If your current agency retainer isn't generating measurable pipeline, it's worth understanding what a software-led alternative looks like for your firm specifically.
Explore how Orbit works and see if it's the right fit →
Frequently Asked Questions
What is B2B website optimization software and how does it differ from an agency retainer?
B2B website optimization software is a managed or self-serve system that continuously improves website performance, content, and search rankings based on real data — typically integrated with tools like Google Search Console. Unlike an agency retainer, which charges for hours of human effort, optimization software like Orbit charges a fixed monthly fee and operates on a compounding logic where each month's output builds on the last. The key difference is accountability: software-led systems produce measurable, trackable outputs tied to organic traffic and pipeline, while retainers typically report on activity rather than results.

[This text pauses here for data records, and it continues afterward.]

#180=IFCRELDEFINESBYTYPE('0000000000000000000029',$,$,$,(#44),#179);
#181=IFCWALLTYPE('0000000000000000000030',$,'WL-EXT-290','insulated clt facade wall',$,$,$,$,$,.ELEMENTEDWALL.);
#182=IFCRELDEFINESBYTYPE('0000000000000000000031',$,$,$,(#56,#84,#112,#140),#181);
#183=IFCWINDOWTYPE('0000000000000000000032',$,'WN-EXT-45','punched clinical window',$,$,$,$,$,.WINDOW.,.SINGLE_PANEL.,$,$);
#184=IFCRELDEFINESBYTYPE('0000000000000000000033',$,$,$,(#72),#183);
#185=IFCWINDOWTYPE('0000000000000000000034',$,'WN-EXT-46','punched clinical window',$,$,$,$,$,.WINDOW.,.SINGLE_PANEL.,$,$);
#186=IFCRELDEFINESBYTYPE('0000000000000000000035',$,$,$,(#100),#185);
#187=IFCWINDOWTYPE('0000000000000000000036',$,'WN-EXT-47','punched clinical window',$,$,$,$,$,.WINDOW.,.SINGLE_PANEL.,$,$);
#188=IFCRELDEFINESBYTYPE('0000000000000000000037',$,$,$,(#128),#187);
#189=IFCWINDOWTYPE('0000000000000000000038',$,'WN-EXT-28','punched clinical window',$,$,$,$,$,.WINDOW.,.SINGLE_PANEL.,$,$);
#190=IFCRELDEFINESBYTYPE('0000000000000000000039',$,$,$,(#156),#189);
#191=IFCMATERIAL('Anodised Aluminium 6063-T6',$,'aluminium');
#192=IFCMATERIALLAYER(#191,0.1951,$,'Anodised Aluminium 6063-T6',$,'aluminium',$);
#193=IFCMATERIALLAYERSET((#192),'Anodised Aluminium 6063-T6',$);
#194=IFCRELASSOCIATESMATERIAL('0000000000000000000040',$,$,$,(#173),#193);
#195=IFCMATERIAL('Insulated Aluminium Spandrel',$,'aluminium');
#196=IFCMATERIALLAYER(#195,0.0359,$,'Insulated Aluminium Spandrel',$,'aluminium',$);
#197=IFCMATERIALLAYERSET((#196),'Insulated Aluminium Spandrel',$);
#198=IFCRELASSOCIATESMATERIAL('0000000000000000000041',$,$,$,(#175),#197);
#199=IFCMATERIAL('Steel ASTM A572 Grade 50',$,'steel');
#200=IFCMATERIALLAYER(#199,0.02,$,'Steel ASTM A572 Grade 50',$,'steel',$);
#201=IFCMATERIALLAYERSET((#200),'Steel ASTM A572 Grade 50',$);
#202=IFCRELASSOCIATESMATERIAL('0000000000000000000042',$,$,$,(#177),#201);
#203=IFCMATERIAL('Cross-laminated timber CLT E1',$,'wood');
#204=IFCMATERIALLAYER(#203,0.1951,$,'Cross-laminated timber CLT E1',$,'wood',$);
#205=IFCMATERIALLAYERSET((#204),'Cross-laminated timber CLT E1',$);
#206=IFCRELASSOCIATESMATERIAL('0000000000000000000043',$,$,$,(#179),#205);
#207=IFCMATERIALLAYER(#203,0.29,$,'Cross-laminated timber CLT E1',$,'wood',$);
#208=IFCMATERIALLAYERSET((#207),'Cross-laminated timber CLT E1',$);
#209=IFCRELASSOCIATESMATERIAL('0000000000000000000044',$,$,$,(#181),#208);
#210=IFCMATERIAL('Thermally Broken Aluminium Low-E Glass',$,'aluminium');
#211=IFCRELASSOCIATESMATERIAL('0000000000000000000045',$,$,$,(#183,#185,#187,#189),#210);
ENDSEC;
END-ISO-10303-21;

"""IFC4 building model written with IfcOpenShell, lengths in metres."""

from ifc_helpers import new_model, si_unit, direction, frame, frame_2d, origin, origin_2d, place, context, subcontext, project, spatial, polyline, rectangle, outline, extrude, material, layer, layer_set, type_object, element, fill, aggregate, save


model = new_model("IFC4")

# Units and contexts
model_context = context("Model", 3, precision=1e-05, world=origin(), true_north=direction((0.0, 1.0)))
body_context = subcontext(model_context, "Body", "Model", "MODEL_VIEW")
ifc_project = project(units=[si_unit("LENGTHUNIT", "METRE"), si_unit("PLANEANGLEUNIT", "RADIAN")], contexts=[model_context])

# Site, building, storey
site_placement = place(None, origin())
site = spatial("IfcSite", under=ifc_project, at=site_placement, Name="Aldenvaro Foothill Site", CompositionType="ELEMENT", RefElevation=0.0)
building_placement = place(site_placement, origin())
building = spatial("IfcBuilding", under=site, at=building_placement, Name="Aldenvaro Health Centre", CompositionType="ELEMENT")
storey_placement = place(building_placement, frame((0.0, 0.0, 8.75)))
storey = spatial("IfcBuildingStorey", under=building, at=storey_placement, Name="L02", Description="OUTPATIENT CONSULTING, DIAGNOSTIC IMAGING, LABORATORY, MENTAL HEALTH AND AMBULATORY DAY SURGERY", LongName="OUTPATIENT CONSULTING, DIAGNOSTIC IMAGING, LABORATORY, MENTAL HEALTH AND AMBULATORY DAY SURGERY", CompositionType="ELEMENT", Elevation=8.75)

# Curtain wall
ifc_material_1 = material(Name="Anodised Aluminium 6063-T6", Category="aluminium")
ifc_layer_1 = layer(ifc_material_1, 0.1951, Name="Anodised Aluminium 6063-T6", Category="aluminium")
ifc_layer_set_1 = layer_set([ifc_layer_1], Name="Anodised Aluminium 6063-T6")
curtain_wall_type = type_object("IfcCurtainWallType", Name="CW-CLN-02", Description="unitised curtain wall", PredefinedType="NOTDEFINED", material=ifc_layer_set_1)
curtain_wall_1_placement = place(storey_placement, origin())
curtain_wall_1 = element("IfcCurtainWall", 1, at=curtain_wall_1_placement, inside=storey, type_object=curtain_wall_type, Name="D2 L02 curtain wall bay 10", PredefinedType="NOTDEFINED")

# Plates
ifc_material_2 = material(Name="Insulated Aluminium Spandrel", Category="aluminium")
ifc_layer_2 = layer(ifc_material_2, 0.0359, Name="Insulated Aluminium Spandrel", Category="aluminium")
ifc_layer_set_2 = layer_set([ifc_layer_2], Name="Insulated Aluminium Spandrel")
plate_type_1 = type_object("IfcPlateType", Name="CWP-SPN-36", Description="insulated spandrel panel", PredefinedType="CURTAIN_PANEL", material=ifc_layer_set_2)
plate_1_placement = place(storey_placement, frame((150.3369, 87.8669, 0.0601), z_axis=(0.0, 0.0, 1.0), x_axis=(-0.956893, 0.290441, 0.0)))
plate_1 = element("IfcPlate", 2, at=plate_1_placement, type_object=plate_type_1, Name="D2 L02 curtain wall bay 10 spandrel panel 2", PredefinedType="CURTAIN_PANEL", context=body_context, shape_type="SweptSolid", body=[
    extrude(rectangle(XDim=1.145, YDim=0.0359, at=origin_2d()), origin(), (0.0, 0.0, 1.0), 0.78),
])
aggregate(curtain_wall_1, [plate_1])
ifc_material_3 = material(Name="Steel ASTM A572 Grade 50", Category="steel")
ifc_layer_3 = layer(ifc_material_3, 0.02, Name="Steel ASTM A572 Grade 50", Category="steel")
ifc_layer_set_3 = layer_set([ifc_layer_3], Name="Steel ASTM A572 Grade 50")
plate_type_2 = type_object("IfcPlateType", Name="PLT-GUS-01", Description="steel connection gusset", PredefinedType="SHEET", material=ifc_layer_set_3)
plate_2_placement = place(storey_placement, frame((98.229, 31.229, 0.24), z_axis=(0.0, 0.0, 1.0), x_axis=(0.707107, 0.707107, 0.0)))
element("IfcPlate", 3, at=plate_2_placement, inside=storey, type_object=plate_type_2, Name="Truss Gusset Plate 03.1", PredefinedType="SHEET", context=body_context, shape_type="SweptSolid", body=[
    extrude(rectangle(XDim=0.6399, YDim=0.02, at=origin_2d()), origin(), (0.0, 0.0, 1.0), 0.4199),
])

How much does a B2B agency retainer typically cost compared to Orbit?
Mid-market B2B service firms in Belgium and the EU typically pay between €2,000 and €6,000 per month for ongoing website and content support from a digital agency. Orbit costs €199/month, which includes 12 to 13 pieces of published content, Google Search Console integration, targeted landing page creation, content repurposing for LinkedIn and newsletters, and a monthly review session. The annual cost difference between a mid-range retainer and Orbit can exceed €38,000 — enough to make the switch justifiable on commercial grounds alone.

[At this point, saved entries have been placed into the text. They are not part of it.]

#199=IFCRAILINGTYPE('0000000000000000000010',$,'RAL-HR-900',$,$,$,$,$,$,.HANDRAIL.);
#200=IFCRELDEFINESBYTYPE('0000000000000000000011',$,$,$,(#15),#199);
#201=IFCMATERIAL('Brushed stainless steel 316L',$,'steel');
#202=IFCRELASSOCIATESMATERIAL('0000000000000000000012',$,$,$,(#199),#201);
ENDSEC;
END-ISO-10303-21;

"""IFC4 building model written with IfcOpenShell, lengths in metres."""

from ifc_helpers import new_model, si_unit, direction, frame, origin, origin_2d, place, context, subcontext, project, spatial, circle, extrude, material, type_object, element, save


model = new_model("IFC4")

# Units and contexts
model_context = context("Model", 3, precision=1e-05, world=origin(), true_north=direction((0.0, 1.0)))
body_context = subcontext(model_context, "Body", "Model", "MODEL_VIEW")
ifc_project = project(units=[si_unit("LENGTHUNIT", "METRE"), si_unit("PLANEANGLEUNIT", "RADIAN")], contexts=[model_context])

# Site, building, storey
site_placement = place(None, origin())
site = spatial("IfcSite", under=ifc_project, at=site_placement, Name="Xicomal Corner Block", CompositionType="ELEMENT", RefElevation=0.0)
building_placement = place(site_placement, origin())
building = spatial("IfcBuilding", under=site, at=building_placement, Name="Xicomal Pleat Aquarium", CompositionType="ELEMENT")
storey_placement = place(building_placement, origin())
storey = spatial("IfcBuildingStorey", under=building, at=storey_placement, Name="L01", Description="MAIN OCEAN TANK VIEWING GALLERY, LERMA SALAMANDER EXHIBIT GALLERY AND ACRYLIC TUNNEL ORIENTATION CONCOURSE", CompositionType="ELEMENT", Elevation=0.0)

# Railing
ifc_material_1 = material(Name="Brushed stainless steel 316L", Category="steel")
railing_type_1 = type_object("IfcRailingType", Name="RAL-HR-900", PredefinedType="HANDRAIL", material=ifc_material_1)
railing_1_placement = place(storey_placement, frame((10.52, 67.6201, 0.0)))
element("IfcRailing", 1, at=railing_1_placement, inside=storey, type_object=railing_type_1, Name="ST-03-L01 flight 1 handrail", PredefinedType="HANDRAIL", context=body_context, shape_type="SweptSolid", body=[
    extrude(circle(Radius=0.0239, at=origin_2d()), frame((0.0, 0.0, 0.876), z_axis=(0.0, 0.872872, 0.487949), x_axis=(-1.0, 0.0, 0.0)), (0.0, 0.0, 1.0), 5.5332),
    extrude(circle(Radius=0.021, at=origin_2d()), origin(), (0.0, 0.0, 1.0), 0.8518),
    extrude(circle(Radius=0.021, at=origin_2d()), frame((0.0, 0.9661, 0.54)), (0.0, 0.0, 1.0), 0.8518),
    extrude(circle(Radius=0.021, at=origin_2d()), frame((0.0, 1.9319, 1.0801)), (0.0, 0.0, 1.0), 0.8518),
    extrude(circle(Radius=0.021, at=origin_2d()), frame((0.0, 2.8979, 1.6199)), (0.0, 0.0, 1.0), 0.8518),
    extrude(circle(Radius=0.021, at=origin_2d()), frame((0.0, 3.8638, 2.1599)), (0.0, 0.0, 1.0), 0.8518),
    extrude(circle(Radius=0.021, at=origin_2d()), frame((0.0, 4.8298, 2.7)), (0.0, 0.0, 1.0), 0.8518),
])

How long does it take to see results from a content and SEO optimization system like Orbit?
Organic content and SEO is not immediate. The first three months typically establish the content foundation and begin indexing. By month six, organic traffic from targeted content starts to become measurable. By month twelve, the compounding effect of indexed, ranked content becomes visible in pipeline terms. This timeline reflects how Google indexes and ranks B2B service content, and it's why Orbit is designed as a continuous system rather than a one-time project. Firms expecting results within 30 days are better served by paid advertising in the short term, with Orbit running in parallel to build long-term organic pipeline.
Do I need a new website before I can use Orbit?
Not necessarily. Orbit is designed to sit on top of an existing website that has solid positioning and a functional conversion structure. If your current site clearly communicates what you do, who you serve, and what the next step is for a visitor, Orbit can start generating compounding content and SEO value immediately. If your site has fundamental positioning or structural problems, those need to be addressed first — which is where Luniq's Launched service comes in. A free website audit is the fastest way to find out which situation applies to your firm.
Can Orbit work for niche B2B service firms that think their market is too small for SEO?
Yes — and niche B2B service firms often benefit more from a targeted content and SEO approach than broad-market firms, because competition for specific, high-intent search terms is lower. A firm specializing in sustainability consulting, engineering compliance, or HR services for a defined sector can rank for highly relevant queries with far less content volume than a generalist competitor. Orbit's Google Search Console integration specifically identifies the search terms your actual buyers are using, so content is targeted to real demand rather than generic topics.